A Pilot Study to Evaluate the Efficacy of Class IV Lasers on Nonhealing Neuroischemic Diabetic Foot Ulcers in Patients With Type 2 Diabetes

Diabetic foot ulcers (DFUs) represent a disabling complication of diabetes that has a devastating impact on the quality of life and predict lower-limb amputation and premature mortality (1). Despite best practice, 30–40% of DFUs do not heal within 12–20 weeks (2). Novel therapeutic agents have been tested in clinical trials, and it has been estimated that ∼30–50% of patients with neuropathic DFUs receiving these new treatments have healed by 12–20 weeks (3). Laser therapy, delivered with devices emitting one or two wavelengths, has been reported as an adjunctive procedure that promotes the healing of chronic diabetic wounds by increasing the blood flow and the release of growth factors and by reducing the inflammation (4).

In this pilot study, we have been the first to investigate the efficacy of an advanced class IV laser (emitting four wavelengths) on Wagner stage 1 and 2 neuroischemic DFUs of five patients with type 2 diabetes who were nonresponsive to conventional treatment for at least 12 weeks.
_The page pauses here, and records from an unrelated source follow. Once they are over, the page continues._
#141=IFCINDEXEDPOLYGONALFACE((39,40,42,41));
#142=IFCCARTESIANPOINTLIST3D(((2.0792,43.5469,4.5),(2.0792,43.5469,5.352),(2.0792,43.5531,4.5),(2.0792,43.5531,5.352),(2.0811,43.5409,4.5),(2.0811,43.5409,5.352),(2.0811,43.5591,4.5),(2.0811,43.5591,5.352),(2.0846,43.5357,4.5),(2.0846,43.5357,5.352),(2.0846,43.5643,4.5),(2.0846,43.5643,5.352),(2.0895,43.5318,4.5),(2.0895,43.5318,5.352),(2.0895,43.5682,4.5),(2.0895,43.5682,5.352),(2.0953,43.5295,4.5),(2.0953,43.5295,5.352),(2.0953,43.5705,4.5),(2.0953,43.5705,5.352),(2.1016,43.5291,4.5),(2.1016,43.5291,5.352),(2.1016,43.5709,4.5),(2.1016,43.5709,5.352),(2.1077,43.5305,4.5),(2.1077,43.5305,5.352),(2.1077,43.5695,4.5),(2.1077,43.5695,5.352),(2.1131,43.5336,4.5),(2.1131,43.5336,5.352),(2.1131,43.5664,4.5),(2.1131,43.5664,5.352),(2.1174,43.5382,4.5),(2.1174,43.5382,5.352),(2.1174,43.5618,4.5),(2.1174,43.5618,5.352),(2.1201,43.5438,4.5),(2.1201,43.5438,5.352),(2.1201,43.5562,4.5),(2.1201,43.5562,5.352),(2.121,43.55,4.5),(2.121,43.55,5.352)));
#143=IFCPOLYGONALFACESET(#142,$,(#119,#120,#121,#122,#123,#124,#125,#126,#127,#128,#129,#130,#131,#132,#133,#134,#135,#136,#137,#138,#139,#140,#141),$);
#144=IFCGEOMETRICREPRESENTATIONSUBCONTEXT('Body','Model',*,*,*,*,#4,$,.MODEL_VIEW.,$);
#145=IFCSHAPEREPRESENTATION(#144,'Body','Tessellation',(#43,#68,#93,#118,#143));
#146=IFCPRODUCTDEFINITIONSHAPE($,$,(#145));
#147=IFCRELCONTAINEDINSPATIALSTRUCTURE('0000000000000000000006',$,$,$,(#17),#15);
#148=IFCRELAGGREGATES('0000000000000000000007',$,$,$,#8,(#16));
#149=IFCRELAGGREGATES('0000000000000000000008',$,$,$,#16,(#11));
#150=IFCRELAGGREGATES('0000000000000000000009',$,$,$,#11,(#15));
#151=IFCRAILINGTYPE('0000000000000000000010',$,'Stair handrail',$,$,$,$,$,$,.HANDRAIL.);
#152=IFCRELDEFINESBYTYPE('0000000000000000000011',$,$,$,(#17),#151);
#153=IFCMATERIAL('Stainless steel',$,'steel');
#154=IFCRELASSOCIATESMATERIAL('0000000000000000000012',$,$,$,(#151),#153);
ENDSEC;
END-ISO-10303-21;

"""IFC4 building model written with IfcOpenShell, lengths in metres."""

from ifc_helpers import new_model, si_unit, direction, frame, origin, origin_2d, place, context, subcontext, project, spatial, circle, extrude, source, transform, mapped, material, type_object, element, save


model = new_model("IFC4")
Laser treatment was delivered once a week prior to standard care and dressing. As a control we selected patients with similar DFUs and clinical characteristics treated within our department with standard care. In the laser-treated group, age was 58.2 ± 3.6 years (mean ± SEM; range 47–66) and mean duration of diabetes was 20.4 ± 2.1 years. At the time of enrollment, glycosylated hemoglobin (HbA_1c) was 9.0 ± 0.8% (74.6 ± 8.4 mmol/mol). All laser-treated patients had preserved renal function (estimated glomerular filtration rate [eGFR] 72 ± 8.3 mL/min/1.73 m²) and moderate to severe peripheral artery disease, defined as 20–49% and 50–99% diameter reduction in at least one of the arterial segments from aorto-iliac to popliteal segments on an arterial duplex scan. The mean size of the ulcers was 2.4 ± 1.0 cm². The control group of six patients with type 2 diabetes received standard care and had similar ulcer duration and size; comparable glycemic control, age, diabetes duration, and eGFR; and similar degree of peripheral artery disease (Table 1). Standard care for DFUs, including antibiotic treatment, dressing, and off-loading, was similar in both groups. Within the 12-week follow-up, four of five laser-treated patients (80%) had a complete ulcer resolution (most ulcers healed after 4.6 weeks). In the control group, no ulcer healing occurred by week 12.
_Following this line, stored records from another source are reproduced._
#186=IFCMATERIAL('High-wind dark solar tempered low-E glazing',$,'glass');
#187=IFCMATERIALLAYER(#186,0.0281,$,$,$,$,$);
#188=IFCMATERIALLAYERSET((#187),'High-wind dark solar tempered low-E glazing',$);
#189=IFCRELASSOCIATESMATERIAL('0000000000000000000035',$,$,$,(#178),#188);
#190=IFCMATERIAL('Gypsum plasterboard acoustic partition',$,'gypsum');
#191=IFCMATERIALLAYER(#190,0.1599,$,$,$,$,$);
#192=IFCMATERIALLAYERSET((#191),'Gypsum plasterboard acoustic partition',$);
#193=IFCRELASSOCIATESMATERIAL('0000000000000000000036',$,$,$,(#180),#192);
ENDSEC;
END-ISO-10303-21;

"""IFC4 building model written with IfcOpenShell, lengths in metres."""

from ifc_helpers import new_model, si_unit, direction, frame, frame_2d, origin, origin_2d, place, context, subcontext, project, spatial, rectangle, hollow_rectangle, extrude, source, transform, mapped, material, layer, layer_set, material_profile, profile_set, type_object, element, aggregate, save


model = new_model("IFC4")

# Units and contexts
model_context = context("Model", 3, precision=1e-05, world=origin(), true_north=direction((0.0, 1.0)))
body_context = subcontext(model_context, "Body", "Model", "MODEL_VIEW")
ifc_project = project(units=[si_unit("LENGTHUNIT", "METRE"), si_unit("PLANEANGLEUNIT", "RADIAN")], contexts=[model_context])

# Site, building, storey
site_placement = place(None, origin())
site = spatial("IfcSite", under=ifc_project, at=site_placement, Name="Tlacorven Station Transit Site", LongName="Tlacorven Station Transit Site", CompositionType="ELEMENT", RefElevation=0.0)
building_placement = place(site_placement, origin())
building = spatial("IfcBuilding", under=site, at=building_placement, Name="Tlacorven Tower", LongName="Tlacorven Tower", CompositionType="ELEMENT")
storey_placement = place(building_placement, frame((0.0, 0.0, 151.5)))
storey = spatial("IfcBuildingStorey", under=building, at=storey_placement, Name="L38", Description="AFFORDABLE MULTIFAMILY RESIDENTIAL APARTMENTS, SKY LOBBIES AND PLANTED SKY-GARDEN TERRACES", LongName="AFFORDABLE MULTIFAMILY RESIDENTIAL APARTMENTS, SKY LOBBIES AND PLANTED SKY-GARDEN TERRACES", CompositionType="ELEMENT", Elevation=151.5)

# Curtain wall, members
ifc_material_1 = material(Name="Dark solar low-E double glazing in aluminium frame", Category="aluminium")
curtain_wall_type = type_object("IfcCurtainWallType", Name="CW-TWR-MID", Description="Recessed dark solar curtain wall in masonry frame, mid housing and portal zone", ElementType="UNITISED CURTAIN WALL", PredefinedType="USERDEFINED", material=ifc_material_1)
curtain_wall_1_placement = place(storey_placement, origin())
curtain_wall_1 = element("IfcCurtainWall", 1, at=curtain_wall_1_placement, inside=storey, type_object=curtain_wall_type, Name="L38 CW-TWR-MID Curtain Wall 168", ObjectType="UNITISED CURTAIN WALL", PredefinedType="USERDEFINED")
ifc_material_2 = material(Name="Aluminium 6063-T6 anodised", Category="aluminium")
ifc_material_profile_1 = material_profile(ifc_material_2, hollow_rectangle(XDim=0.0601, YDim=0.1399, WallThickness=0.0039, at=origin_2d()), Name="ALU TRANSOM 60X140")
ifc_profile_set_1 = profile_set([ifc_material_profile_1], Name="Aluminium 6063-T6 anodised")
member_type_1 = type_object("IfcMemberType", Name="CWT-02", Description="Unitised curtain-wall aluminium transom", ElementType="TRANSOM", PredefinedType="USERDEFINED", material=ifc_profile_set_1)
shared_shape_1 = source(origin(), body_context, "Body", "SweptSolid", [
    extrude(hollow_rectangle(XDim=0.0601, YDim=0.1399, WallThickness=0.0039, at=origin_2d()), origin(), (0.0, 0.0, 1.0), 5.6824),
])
A limited number of small clinical trials and case studies evaluating the effects of laser devices with lower power and one or two wavelengths on DFUs have previously reported positive outcomes (4). However, because of the heterogeneity in the methodology, findings from these studies have not been consistent. The laser used in this pilot study is the first example of a high-powered device with four wavelengths concomitantly acting on multiple metabolic processes that accelerate the wound healing: stimulation of cytochrome-C oxidase, an increase in angiogenesis, and improvement in blood perfusion (5).

Taking into consideration the limitations of this proof-of-concept study, our findings indicate that laser therapy delivered by a class IV laser can significantly impact the healing process of neuroischemic DFUs refractory to standard treatment. Randomized controlled clinical trials with this new laser device in larger populations are required to confirm our results.